"Alhamdulillah, semoga makin banyak yang pesan ya." Kataku disertai rasa gembira. Ayu membawa es pisang ijo ke teras rumah dan membantuku merapikannya di meja yang sudah aku pasang.
Setelah dagangan digelar, ada beberapa tetangga yang membeli daganganku. Walau ada yang menawar mengatakan bahwa harganya kemahalan, aku sikapi secara baik-baik, karena aku tidak mengambil untung banyak, mengingat lingkungan tempat tinggalku memang mayoritas kalangan ekonomi menengah ke bawah. Harga Rp5.000,00 aku samakan dengan harga kolak dan es campur yang di jual oleh tetanggaku juga supaya sama dan bersaing secara sehat.

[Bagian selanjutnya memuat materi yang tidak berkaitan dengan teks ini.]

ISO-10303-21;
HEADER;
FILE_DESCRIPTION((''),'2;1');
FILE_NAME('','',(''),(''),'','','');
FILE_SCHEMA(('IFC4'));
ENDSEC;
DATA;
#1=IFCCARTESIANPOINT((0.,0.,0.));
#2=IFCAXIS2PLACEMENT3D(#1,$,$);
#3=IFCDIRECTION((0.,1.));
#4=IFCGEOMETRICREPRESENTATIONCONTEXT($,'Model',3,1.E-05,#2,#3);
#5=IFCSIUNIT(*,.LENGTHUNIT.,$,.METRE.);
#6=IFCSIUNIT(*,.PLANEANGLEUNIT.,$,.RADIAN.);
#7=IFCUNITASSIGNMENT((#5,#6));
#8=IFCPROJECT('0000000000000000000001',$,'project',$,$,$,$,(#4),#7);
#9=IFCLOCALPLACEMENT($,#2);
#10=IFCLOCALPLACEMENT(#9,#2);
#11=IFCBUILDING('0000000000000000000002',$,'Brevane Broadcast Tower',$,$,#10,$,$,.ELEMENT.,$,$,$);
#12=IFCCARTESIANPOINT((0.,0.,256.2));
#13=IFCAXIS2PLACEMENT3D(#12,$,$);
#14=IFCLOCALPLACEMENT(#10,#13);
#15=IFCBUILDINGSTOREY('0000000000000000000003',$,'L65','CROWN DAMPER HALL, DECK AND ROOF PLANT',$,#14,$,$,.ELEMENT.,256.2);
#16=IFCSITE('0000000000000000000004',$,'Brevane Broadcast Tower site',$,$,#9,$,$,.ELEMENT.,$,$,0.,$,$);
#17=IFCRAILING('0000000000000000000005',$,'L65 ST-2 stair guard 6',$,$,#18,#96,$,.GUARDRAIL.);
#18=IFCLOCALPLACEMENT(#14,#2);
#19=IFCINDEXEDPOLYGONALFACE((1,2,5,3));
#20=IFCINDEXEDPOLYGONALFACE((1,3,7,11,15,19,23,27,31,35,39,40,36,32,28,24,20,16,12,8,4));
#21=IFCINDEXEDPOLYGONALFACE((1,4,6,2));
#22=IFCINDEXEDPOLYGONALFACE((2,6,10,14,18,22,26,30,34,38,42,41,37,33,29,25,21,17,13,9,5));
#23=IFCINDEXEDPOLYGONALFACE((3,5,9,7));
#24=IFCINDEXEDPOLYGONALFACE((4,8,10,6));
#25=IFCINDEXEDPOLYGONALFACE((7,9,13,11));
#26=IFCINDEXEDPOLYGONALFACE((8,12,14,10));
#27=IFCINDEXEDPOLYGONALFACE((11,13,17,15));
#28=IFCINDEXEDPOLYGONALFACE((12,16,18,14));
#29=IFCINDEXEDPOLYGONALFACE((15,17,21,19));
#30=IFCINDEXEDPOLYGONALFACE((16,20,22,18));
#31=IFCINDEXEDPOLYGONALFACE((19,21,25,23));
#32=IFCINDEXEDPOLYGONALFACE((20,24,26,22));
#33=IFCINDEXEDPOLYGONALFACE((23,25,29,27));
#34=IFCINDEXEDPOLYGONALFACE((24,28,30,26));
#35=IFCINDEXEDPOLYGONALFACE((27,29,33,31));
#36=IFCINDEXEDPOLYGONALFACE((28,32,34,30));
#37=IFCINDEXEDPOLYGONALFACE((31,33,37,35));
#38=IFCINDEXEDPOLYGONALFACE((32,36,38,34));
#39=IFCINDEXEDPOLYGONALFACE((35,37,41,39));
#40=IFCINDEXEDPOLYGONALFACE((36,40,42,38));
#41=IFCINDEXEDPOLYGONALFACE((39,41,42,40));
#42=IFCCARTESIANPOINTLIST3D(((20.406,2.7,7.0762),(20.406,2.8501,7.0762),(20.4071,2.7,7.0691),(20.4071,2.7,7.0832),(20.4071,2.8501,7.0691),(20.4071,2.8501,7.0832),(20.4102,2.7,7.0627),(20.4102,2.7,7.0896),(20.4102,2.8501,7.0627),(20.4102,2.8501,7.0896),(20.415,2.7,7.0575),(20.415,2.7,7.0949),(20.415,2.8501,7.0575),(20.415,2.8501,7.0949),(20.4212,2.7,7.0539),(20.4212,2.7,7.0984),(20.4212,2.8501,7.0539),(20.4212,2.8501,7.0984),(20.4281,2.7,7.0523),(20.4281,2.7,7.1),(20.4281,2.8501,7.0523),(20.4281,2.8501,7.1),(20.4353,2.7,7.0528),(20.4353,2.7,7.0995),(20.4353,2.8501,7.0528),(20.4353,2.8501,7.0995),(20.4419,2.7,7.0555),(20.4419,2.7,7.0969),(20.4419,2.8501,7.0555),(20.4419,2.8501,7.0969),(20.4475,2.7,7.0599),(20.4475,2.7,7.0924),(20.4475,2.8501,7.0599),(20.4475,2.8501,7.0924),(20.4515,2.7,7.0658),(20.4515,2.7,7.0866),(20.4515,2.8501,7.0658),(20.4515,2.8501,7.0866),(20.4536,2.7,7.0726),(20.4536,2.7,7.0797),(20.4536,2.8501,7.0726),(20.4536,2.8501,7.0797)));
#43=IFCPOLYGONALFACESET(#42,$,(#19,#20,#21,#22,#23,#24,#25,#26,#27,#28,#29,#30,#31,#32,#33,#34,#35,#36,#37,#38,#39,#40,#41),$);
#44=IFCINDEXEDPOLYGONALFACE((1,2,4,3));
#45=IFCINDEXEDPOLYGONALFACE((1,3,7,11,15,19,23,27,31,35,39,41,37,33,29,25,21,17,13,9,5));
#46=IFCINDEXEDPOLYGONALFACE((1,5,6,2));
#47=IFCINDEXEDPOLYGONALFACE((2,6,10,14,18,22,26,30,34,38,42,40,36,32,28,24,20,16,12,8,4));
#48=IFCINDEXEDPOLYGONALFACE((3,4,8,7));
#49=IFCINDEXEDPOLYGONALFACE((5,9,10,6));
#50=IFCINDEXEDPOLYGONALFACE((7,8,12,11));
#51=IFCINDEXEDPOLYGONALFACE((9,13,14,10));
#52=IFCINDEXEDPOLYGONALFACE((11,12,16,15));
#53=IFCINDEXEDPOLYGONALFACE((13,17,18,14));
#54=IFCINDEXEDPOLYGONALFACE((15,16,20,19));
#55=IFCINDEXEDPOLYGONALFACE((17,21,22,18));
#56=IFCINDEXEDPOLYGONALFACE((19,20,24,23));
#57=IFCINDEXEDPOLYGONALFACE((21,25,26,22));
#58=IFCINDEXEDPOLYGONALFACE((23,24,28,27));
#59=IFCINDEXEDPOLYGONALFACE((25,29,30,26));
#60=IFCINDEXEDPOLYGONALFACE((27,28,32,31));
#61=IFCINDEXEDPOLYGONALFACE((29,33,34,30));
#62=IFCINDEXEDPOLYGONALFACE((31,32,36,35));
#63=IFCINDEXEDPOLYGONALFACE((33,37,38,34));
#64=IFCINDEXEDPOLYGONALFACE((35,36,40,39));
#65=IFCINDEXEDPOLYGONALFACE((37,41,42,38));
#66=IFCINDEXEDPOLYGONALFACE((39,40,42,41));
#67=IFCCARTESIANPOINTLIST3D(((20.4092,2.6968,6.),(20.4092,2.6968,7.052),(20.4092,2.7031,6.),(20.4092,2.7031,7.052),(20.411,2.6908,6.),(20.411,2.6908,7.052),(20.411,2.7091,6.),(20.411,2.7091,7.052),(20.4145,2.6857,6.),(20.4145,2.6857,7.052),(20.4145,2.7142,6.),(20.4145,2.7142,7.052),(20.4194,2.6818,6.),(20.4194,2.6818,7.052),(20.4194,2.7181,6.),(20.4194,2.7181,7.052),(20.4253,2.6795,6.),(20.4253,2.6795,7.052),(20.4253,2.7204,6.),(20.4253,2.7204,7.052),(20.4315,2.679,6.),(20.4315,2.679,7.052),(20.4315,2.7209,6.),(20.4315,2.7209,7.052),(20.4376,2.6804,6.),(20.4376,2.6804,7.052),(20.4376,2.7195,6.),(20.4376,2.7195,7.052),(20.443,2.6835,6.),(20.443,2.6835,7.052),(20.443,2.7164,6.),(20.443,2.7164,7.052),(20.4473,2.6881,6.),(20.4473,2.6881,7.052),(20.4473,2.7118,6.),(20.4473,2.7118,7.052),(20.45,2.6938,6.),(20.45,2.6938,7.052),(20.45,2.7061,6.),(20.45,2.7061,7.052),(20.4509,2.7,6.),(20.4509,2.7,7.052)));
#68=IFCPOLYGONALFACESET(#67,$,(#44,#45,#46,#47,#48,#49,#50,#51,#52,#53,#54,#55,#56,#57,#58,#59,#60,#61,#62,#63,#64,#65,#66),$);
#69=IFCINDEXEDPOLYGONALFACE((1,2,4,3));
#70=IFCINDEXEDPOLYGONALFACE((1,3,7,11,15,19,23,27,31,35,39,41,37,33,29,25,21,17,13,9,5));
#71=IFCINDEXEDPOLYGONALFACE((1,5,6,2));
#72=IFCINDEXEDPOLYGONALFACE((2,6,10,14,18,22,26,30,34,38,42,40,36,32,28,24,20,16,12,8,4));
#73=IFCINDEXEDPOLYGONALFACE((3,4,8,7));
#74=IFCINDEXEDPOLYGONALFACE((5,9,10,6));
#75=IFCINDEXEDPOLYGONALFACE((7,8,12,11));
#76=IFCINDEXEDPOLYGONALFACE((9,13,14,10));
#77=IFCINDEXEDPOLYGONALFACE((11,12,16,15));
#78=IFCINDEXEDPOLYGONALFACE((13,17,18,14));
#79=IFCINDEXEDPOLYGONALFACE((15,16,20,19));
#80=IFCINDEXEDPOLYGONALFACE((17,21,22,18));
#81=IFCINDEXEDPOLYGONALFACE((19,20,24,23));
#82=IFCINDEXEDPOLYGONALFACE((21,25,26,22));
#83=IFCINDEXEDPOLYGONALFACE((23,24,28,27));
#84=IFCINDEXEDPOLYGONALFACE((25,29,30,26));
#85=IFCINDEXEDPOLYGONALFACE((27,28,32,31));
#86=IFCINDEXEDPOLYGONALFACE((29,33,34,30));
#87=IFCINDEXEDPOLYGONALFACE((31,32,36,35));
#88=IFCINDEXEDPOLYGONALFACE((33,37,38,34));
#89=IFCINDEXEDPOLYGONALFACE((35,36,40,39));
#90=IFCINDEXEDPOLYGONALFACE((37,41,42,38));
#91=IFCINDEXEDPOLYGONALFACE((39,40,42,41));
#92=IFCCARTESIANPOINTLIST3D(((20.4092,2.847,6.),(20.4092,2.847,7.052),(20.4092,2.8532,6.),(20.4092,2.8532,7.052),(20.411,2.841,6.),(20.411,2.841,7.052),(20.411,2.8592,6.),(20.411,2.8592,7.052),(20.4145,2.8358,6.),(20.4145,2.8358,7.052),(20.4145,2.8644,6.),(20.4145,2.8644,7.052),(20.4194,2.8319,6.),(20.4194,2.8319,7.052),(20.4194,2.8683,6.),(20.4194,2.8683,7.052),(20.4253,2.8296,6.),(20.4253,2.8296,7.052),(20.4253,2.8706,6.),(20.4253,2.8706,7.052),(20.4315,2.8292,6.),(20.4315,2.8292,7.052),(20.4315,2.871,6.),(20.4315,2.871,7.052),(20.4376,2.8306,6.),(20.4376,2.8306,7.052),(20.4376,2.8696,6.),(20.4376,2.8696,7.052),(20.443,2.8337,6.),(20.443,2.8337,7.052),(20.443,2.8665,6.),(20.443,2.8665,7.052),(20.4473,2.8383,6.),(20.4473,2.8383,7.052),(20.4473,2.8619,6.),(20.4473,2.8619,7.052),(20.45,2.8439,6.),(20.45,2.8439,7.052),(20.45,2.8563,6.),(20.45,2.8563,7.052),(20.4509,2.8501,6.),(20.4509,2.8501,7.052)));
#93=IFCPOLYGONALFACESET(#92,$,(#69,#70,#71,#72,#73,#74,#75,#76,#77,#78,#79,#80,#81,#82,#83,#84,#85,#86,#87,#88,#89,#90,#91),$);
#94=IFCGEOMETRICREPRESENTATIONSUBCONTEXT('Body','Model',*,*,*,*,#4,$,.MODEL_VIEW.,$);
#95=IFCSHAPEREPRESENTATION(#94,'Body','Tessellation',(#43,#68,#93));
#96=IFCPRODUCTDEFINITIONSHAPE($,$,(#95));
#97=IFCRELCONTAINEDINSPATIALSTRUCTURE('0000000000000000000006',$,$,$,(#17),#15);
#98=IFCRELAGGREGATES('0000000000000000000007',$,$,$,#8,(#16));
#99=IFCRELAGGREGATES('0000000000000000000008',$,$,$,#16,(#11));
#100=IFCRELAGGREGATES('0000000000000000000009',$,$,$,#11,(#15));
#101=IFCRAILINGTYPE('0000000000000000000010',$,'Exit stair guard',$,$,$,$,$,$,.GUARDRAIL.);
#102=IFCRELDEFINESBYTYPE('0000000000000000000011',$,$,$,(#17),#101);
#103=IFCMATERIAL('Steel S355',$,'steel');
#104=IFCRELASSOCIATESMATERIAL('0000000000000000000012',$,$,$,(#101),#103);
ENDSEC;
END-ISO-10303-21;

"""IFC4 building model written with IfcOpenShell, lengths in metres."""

from ifc_helpers import new_model, si_unit, direction, frame, origin, origin_2d, place, context, subcontext, project, spatial, circle, extrude, material, type_object, element, save


model = new_model("IFC4")

# Units and contexts
model_context = context("Model", 3, precision=1e-05, world=origin(), true_north=direction((0.0, 1.0)))
body_context = subcontext(model_context, "Body", "Model", "MODEL_VIEW")
ifc_project = project(units=[si_unit("LENGTHUNIT", "METRE"), si_unit("PLANEANGLEUNIT", "RADIAN")], contexts=[model_context])

# Site, building, storey
site_placement = place(None, origin())
site = spatial("IfcSite", under=ifc_project, at=site_placement, Name="Brevane Broadcast Tower site", CompositionType="ELEMENT", RefElevation=0.0)
building_placement = place(site_placement, origin())
building = spatial("IfcBuilding", under=site, at=building_placement, Name="Brevane Broadcast Tower", CompositionType="ELEMENT")
storey_placement = place(building_placement, frame((0.0, 0.0, 256.2)))
storey = spatial("IfcBuildingStorey", under=building, at=storey_placement, Name="L65", Description="CROWN DAMPER HALL, DECK AND ROOF PLANT", CompositionType="ELEMENT", Elevation=256.2)

# Railing
ifc_material_1 = material(Name="Steel S355", Category="steel")
railing_type_1 = type_object("IfcRailingType", Name="Exit stair guard", PredefinedType="GUARDRAIL", material=ifc_material_1)
railing_1_placement = place(storey_placement, frame((20.4299, 2.7, 6.0)))
element("IfcRailing", 1, at=railing_1_placement, inside=storey, type_object=railing_type_1, Name="L65 ST-2 stair guard 6", PredefinedType="GUARDRAIL", context=body_context, shape_type="SweptSolid", body=[
    extrude(circle(Radius=0.0239, at=origin_2d()), frame((0.0, 0.0, 1.0762), z_axis=(0.0, 1.0, 0.0), x_axis=(-1.0, 0.0, 0.0)), (0.0, 0.0, 1.0), 0.1501),
    extrude(circle(Radius=0.021, at=origin_2d()), origin(), (0.0, 0.0, 1.0), 1.052),
    extrude(circle(Radius=0.021, at=origin_2d()), frame((0.0, 0.1501, 0.0)), (0.0, 0.0, 1.0), 1.052),
])

save(model, "model.ifc")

Sampai datangnya waktu buka puasa, dari 20 cup es pisang ijo yang dibuat, ternyata hanya habis 10 buah dan tersisa 10 buah. Walau penjualan belum sesuai harapan, tapi setidaknya ada peningkatan jumlah yang laku. Risiko dagang memang begini. Tidak ujug-ujug langsung laku banyak, perlu proses. Berharap untung dan harus siap rugi.
Aku berusaha optimis, suatu saat daganganku akan laku banyak. "Ya Allah... mudahkanlah segala urusan kami, dan berikanlah rezeki yang halal bagi kami." Aku berdoa dalam hati. Sisa es pisang ijo yang tidak laku aku makan bersama dengan istri dan kedua anakku. Dan Sebagian aku akan bawa lagi ke masjid untuk dibagikan kepada Jemaah, walau jumlahnya lebih sedikit dibanding kemarin.